# Barnett "Barney" Danson, 1921-2011, R.I.P.



## The Bread Guy (18 Oct 2011)

> Barney Danson's life was forged on the battlefields of Normandy, where he was wounded, lost his three best friends and the sight in one eye, and found himself as a person.
> 
> Danson, who died Monday in Toronto, returned from the Second World War to found a successful business and an equally successful political career that saw him become defence minister. He went on to win many awards, help build the Canadian War Museum and be named a companion of Order of Canada.
> 
> ...


Canadian Press, 18 Oct 11


----------



## a78jumper (19 Oct 2011)

He was also the founder of Katimavik, which as I recall had a military option. He was MND when I first got in and as I recall a pretty good one given he was not given a lot to work with in terms of funding by PET; I recall having a less warm feeling towards his successor.  Godspeed Sir.


----------



## OldSolduer (19 Oct 2011)

RIP Mr. Danson


----------



## Danjanou (19 Oct 2011)

MND when I joined up too. 

RIP


----------



## FlyingDutchman (19 Oct 2011)

I am always saddened when a veteran passes.  Rest in peace.


----------



## jollyjacktar (19 Oct 2011)

a78jumper said:
			
		

> He was also the founder of Katimavik, which as I recall had a military option. He was MND when I first got in and as I recall a pretty good one given he was not given a lot to work with in terms of funding by PET; I recall having a less warm feeling towards his successor.  Godspeed Sir.

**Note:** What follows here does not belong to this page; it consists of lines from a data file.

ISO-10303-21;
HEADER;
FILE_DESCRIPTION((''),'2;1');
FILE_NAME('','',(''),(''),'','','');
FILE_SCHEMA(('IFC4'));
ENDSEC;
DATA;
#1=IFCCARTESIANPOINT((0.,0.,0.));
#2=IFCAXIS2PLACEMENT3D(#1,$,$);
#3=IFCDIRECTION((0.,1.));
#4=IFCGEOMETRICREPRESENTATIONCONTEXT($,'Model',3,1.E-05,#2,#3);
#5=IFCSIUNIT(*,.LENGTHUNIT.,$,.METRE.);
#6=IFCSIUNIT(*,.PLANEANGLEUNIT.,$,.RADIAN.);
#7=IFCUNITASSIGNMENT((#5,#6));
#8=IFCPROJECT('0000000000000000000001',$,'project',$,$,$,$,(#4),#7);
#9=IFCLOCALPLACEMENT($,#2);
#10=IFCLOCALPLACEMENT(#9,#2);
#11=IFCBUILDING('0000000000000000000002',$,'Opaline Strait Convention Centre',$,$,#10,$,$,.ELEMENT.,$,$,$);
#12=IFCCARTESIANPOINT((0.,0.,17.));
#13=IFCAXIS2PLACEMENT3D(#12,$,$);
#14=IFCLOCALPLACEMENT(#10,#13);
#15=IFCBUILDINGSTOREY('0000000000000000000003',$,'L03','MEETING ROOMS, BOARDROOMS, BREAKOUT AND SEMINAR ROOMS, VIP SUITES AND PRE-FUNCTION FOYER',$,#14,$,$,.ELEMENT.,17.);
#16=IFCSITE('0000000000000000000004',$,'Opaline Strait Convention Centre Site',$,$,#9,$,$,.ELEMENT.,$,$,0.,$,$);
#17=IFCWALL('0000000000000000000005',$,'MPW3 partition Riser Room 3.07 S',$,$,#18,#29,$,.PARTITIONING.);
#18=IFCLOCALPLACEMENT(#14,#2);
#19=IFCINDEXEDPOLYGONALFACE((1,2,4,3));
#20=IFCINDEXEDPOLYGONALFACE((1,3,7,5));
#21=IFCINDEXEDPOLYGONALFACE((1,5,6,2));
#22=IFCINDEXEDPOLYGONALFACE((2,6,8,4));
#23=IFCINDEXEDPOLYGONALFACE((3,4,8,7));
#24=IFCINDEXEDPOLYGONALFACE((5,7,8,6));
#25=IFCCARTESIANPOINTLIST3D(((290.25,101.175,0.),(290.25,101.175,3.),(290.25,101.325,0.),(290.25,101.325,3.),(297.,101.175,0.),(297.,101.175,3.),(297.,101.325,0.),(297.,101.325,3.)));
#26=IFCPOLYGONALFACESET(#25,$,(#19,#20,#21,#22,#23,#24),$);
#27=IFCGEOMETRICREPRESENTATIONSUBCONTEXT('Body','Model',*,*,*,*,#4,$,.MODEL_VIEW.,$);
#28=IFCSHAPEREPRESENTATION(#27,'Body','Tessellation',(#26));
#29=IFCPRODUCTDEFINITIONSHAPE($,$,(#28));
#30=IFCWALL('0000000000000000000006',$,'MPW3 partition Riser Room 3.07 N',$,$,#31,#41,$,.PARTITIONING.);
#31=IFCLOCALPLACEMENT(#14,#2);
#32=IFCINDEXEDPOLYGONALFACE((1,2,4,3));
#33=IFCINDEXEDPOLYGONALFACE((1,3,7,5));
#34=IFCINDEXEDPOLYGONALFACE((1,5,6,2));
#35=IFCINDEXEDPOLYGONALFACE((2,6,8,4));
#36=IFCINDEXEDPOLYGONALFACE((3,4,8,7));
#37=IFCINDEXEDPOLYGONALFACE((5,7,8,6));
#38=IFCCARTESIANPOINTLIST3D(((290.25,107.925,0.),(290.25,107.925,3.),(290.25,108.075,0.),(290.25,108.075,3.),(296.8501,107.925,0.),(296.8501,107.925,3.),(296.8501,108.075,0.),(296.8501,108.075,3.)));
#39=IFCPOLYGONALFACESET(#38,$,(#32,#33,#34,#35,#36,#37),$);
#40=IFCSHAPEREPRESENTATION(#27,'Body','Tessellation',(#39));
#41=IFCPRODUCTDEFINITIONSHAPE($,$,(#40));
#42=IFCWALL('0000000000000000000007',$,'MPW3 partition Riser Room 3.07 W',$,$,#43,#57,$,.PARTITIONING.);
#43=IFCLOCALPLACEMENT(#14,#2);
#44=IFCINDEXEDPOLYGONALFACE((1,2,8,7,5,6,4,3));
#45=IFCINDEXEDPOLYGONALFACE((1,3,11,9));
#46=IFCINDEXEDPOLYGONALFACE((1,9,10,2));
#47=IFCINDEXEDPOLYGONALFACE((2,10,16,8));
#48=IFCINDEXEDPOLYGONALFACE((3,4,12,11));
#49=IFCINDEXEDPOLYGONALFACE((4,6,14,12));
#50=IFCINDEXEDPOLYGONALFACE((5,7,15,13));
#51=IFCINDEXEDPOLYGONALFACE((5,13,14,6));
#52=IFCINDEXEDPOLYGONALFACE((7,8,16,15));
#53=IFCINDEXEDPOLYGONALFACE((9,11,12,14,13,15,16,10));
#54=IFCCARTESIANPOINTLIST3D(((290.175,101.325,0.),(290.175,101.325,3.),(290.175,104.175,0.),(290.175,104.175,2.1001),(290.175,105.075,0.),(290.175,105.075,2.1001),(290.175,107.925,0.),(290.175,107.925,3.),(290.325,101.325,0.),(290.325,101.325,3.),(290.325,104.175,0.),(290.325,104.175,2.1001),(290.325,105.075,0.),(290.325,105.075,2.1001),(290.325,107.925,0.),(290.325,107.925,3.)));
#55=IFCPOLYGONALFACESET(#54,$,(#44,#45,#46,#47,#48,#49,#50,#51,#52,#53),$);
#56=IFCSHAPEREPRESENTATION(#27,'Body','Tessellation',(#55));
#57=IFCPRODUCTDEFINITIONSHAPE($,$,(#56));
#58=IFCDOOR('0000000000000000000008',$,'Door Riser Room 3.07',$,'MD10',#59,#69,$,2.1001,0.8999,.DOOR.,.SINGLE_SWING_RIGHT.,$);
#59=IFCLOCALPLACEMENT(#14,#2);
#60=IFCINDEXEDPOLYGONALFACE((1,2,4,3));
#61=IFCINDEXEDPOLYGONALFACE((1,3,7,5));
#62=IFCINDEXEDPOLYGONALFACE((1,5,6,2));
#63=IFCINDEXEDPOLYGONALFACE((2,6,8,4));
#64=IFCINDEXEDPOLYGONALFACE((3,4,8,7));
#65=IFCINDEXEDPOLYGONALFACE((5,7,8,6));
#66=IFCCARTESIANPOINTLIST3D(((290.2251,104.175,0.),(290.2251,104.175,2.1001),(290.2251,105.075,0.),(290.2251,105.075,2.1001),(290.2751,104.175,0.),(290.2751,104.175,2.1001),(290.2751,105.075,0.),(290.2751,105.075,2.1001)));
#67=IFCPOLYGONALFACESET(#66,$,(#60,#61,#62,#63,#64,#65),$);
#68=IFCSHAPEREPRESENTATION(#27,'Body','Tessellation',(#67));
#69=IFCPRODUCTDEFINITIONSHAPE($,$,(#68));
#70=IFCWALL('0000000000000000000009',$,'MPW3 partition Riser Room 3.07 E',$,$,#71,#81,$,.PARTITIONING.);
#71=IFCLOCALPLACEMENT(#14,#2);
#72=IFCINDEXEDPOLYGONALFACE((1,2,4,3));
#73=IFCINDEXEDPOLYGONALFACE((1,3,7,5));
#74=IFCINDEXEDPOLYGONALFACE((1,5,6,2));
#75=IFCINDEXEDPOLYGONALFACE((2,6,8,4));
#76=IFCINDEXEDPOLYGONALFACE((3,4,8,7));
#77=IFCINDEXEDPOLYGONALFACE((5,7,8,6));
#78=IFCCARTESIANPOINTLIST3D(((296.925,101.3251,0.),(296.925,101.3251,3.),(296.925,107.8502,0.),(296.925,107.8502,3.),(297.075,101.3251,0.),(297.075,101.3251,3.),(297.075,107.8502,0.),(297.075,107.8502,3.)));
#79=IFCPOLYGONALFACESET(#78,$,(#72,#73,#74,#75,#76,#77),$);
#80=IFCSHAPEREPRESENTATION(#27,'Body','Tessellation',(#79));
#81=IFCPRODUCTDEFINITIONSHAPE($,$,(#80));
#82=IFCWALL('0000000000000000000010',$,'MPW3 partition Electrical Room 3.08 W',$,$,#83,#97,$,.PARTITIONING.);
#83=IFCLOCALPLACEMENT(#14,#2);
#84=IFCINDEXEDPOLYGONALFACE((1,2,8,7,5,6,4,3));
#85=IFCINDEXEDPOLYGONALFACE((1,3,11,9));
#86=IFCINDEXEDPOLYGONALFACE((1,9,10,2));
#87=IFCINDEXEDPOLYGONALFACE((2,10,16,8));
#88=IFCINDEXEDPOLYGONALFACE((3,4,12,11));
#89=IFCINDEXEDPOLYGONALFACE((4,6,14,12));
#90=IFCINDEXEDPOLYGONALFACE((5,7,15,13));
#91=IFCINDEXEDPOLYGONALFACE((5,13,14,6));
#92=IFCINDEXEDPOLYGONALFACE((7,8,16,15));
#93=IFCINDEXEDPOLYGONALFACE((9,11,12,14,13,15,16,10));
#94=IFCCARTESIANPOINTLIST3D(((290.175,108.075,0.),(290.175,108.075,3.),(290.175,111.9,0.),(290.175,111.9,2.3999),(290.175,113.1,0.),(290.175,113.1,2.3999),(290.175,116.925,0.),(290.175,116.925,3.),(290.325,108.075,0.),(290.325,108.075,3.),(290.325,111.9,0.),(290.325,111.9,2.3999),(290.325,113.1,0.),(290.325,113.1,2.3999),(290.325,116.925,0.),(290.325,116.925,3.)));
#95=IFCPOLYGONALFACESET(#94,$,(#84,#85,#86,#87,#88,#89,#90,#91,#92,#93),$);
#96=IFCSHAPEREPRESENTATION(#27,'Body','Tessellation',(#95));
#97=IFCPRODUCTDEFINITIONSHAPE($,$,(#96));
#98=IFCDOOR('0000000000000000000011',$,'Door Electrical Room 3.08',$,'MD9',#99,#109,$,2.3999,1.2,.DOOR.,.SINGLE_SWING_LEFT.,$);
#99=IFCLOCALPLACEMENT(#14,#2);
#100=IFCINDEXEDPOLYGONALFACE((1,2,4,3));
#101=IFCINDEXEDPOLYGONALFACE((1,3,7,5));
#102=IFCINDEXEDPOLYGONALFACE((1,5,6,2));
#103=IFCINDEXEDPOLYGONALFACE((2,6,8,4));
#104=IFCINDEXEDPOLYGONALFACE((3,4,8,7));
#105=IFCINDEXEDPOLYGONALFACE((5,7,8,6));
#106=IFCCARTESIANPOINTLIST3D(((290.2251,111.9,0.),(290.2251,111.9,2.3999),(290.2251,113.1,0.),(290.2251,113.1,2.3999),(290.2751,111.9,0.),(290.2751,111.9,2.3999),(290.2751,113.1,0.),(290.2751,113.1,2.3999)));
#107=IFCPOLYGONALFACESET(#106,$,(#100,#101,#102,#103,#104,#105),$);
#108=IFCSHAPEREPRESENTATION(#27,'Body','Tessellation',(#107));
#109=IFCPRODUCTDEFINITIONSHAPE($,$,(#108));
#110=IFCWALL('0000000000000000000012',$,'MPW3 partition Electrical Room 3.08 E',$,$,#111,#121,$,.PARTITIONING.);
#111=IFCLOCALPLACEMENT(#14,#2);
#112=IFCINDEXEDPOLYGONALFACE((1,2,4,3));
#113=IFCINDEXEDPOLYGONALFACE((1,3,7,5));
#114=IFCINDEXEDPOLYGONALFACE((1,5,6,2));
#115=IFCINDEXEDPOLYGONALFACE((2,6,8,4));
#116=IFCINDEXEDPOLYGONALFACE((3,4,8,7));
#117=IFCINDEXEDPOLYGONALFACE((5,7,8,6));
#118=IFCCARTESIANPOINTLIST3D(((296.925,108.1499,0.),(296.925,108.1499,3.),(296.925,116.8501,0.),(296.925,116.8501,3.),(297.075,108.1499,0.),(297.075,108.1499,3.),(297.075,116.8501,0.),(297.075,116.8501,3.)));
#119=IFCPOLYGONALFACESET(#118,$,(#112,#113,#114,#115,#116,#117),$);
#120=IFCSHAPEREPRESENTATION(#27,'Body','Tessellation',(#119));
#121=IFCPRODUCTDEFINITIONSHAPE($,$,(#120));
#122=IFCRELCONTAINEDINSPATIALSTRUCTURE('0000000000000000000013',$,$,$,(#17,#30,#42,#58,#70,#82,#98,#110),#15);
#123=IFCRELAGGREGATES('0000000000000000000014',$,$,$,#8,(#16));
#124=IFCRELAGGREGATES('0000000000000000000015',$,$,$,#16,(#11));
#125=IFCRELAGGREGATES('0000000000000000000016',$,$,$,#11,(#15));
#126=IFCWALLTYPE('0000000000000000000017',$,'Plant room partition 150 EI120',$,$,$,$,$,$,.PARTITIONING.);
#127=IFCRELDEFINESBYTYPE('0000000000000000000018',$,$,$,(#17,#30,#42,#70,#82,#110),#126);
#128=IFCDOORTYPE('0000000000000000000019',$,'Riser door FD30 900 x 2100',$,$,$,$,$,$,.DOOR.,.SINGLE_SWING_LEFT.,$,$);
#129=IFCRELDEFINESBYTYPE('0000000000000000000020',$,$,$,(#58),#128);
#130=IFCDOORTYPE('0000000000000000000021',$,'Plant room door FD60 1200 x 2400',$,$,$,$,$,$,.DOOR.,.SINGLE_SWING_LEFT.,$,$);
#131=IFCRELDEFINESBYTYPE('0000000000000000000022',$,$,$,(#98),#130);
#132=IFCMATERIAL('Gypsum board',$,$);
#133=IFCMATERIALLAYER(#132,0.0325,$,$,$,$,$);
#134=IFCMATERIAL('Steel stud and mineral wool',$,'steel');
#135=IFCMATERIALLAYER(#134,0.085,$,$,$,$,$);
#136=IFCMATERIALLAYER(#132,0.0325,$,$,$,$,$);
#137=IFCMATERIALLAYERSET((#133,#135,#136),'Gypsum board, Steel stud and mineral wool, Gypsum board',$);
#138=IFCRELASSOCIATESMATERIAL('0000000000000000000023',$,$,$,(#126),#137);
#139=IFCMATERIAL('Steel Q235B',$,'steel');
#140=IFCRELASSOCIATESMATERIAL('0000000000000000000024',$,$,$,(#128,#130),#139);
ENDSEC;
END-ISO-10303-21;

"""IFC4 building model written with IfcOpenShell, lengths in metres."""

from ifc_helpers import new_model, si_unit, direction, frame, frame_2d, origin, place, context, subcontext, project, spatial, rectangle, extrude, material, layer, layer_set, type_object, element, fill, save


model = new_model("IFC4")

# Units and contexts
model_context = context("Model", 3, precision=1e-05, world=origin(), true_north=direction((0.0, 1.0)))
body_context = subcontext(model_context, "Body", "Model", "MODEL_VIEW")
ifc_project = project(units=[si_unit("LENGTHUNIT", "METRE"), si_unit("PLANEANGLEUNIT", "RADIAN")], contexts=[model_context])

# Site, building, storey
site_placement = place(None, origin())
site = spatial("IfcSite", under=ifc_project, at=site_placement, Name="Opaline Strait Convention Centre Site", CompositionType="ELEMENT", RefElevation=0.0)
building_placement = place(site_placement, origin())
building = spatial("IfcBuilding", under=site, at=building_placement, Name="Opaline Strait Convention Centre", CompositionType="ELEMENT")
storey_placement = place(building_placement, frame((0.0, 0.0, 17.0)))
storey = spatial("IfcBuildingStorey", under=building, at=storey_placement, Name="L03", Description="MEETING ROOMS, BOARDROOMS, BREAKOUT AND SEMINAR ROOMS, VIP SUITES AND PRE-FUNCTION FOYER", CompositionType="ELEMENT", Elevation=17.0)

# Shared definitions
ifc_material_1 = material(Name="Gypsum board")
ifc_material_2 = material(Name="Steel stud and mineral wool", Category="steel")

# Walls
ifc_layer_1 = layer(ifc_material_1, 0.0325)
ifc_layer_2 = layer(ifc_material_2, 0.085)
ifc_layer_3 = layer(ifc_material_1, 0.0325)
ifc_layer_set_1 = layer_set([ifc_layer_1, ifc_layer_2, ifc_layer_3], Name="Gypsum board, Steel stud and mineral wool, Gypsum board")
wall_type_1 = type_object("IfcWallType", Name="Plant room partition 150 EI120", PredefinedType="PARTITIONING", material=ifc_layer_set_1)
wall_1_placement = place(storey_placement, frame((290.25, 101.25, 0.0), z_axis=(0.0, 0.0, 1.0), x_axis=(1.0, 0.0, 0.0)))
element("IfcWall", 1, at=wall_1_placement, inside=storey, type_object=wall_type_1, Name="MPW3 partition Riser Room 3.07 S", PredefinedType="PARTITIONING", context=body_context, shape_type="SweptSolid", body=[
    extrude(rectangle(XDim=6.75, YDim=0.1499, at=frame_2d((3.375, 0.0))), origin(), (0.0, 0.0, 1.0), 3.0),
])
wall_2_placement = place(storey_placement, frame((290.25, 108.0, 0.0), z_axis=(0.0, 0.0, 1.0), x_axis=(1.0, 0.0, 0.0)))
element("IfcWall", 2, at=wall_2_placement, inside=storey, type_object=wall_type_1, Name="MPW3 partition Riser Room 3.07 N", PredefinedType="PARTITIONING", context=body_context, shape_type="SweptSolid", body=[
    extrude(rectangle(XDim=6.6001, YDim=0.1499, at=frame_2d((3.3, 0.0))), origin(), (0.0, 0.0, 1.0), 3.0),
])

 Katimavik.  A term when it first came to the small town I grew up in, (and I am ashamed to say our small minded ideals) my friends and I called the participants "Freedos" when they arrived,  mostly from Quebec and Eastern Canada.  Looking back over the years I think it was a fantastic program that I am sure I would have benefited from with exposure to another part of Canada, doing something constructive and to the benefit of all involved (me, the community I would have been hosted with).  I'm not sure it the YTEP program was connected to it.  There was another good idea that gave young minds some proper direction in life too.

RIP, Sir.


----------